Probability Distributions for Elliptic Curves in the CGL Hash Function

TL;DR

This paper analyzes the probability distribution of the CGL elliptic curve hash function, providing a complete characterization and assessing its collision resistance compared to ideal hash functions.

Contribution

We derive a theorem that fully describes all possible probability distributions of the CGL hash function, advancing understanding of its security properties.

Findings

Complete probability distribution characterization of CGL hash function

Evaluation of collision resistance relative to ideal hash functions

Use of stochastic matrices to analyze hash function behavior

Abstract

Hash functions map data of arbitrary length to data of predetermined length. Good hash functions are hard to predict, making them useful in cryptography. We are interested in the elliptic curve CGL hash function, which maps a bitstring to an elliptic curve by traversing an input-determined path through an isogeny graph.
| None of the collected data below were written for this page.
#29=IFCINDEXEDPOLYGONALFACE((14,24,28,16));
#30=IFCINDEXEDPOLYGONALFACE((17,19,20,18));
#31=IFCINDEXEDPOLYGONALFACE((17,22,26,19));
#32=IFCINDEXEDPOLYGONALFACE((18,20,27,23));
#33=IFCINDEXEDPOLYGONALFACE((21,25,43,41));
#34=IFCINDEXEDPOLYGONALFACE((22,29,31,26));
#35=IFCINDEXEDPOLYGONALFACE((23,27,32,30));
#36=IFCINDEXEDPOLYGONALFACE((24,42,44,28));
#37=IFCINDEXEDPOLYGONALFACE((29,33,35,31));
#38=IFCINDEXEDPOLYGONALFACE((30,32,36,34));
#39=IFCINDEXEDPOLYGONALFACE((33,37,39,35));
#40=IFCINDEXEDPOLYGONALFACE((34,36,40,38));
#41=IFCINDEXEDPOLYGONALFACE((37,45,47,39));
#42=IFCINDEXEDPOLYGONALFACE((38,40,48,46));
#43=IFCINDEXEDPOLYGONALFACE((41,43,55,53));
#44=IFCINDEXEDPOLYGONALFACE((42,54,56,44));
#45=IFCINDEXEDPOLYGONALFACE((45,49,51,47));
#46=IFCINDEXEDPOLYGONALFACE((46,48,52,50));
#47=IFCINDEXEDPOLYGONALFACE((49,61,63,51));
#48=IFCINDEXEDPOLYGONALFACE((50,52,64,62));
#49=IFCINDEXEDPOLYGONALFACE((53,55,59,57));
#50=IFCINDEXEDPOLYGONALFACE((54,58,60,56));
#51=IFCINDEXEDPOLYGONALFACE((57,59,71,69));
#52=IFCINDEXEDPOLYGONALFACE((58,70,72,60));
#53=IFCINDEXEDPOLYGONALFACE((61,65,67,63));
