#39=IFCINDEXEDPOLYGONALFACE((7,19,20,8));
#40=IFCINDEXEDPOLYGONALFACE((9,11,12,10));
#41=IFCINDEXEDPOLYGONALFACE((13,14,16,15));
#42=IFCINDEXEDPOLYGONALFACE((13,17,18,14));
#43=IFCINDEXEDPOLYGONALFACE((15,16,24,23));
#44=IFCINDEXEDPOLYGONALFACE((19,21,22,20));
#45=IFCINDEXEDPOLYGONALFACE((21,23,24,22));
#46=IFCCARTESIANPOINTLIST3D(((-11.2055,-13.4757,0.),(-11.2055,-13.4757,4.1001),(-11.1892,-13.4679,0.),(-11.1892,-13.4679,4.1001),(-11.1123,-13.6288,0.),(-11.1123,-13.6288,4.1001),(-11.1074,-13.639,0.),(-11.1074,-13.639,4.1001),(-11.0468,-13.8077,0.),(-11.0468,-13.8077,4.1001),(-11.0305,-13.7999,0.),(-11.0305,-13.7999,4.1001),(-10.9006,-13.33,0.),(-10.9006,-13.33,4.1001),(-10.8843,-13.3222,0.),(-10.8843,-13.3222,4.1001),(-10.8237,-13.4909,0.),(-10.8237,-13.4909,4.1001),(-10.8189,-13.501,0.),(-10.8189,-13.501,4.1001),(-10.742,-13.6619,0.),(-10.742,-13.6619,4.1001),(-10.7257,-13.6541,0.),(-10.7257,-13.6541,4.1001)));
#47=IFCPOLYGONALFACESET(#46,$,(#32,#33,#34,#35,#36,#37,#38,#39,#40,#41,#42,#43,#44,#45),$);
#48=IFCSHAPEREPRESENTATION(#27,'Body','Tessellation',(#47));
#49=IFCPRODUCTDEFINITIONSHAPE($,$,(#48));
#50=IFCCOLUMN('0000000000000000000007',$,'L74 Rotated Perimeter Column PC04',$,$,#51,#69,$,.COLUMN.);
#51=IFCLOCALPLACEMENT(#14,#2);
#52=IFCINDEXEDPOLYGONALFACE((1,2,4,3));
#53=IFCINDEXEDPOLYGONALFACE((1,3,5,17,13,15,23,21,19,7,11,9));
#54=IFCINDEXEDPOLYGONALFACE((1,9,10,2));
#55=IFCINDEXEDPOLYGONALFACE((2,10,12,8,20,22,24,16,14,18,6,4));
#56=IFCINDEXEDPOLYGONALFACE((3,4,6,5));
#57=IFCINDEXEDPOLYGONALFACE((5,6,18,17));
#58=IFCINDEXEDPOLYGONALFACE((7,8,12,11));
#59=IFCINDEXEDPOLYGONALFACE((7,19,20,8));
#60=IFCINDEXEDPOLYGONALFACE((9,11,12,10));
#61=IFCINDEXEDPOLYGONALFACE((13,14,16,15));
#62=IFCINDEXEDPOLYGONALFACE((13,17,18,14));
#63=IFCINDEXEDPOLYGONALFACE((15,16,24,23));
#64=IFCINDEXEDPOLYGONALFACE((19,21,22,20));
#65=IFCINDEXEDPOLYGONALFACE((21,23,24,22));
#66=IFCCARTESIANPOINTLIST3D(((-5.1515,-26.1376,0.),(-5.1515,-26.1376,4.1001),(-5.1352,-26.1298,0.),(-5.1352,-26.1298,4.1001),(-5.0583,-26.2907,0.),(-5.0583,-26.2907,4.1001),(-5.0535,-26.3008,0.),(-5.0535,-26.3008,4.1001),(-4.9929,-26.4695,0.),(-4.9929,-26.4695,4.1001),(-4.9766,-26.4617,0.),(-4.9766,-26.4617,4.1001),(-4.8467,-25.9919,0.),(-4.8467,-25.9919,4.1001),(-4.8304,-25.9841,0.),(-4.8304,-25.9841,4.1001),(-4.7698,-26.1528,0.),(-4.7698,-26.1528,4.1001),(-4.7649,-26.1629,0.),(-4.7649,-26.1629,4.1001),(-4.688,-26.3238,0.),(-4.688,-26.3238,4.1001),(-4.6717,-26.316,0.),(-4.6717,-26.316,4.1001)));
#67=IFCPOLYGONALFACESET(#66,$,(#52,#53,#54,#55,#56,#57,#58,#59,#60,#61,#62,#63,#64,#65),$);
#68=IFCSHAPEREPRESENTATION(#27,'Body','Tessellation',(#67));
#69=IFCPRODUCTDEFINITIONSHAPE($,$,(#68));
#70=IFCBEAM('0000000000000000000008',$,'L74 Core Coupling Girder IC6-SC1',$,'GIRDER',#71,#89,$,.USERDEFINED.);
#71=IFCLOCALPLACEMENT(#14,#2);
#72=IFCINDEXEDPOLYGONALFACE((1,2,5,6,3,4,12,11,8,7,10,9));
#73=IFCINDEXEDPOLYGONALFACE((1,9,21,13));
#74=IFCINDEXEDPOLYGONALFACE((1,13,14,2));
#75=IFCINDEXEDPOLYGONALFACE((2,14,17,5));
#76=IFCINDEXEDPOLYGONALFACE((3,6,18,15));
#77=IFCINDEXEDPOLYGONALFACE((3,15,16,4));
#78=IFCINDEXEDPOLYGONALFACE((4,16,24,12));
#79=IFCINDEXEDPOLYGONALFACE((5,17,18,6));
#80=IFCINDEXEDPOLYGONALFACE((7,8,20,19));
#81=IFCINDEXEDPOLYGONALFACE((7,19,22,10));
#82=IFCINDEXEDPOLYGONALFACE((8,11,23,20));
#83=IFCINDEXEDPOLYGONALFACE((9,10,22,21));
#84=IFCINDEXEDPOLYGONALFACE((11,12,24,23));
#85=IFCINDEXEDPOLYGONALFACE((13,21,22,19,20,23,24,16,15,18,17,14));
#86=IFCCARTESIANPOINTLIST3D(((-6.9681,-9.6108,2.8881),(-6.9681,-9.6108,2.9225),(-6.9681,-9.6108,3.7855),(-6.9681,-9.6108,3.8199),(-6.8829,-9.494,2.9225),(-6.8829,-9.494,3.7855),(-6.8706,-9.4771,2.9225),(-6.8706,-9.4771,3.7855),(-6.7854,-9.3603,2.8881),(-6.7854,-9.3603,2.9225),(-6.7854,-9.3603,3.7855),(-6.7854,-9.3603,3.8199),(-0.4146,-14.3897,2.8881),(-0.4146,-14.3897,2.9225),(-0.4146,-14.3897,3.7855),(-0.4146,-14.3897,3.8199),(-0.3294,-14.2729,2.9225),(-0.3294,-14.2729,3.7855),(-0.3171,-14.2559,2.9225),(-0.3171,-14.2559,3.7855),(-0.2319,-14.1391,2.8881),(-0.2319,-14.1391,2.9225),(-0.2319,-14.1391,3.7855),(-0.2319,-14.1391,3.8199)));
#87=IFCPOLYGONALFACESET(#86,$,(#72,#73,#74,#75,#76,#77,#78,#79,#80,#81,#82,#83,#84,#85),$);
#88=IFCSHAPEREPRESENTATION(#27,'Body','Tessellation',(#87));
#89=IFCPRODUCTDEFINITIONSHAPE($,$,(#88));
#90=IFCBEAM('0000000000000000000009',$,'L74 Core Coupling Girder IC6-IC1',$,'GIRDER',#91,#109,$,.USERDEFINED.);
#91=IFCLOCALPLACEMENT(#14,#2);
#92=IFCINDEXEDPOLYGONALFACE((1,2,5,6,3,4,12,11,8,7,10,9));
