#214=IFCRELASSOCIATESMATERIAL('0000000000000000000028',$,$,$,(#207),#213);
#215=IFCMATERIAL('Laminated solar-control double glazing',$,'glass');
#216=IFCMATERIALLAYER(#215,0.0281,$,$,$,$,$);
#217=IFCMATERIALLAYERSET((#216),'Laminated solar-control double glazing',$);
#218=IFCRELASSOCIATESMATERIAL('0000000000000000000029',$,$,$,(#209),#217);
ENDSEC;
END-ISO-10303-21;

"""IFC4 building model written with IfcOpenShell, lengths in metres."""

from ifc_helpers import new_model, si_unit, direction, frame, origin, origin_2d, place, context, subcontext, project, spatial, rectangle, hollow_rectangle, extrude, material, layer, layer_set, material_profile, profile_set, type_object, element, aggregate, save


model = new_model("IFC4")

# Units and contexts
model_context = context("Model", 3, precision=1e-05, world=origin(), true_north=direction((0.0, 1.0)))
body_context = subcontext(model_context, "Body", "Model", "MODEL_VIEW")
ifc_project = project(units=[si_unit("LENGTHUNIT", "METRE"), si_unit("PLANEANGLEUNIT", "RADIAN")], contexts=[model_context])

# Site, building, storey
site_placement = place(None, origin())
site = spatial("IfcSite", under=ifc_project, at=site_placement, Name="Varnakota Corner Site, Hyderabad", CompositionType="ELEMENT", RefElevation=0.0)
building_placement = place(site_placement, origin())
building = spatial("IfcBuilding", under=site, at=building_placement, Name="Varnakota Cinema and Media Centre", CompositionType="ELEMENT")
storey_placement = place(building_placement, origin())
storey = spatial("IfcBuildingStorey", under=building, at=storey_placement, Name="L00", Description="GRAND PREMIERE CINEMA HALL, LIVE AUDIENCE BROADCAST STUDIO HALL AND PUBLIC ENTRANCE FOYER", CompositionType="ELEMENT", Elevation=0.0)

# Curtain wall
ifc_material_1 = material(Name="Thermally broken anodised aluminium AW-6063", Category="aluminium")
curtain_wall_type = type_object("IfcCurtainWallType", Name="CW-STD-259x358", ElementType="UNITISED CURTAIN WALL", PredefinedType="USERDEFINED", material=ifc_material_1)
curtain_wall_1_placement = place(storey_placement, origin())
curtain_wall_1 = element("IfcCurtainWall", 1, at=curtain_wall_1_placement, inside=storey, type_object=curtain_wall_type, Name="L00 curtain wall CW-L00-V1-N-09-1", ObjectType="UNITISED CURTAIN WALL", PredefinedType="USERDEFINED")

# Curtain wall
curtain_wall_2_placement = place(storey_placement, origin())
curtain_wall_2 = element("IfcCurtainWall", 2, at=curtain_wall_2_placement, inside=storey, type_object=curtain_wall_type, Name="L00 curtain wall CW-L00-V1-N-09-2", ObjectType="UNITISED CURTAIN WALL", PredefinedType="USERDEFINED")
The nodes of an isogeny graph are elliptic curves, and the edges are special maps betwixt elliptic curves called isogenies. Knowing which hash values are most likely informs us of potential security weaknesses in the hash function. We use stochastic matrices to compute the expected probability distributions of the hash values. We generalize our experimental data into a theorem that completely describes all possible probability distributions of the CGL hash function. We use this theorem to evaluate the collision resistance of the CGL hash function and compare this to the collision resistance of an "ideal" hash function.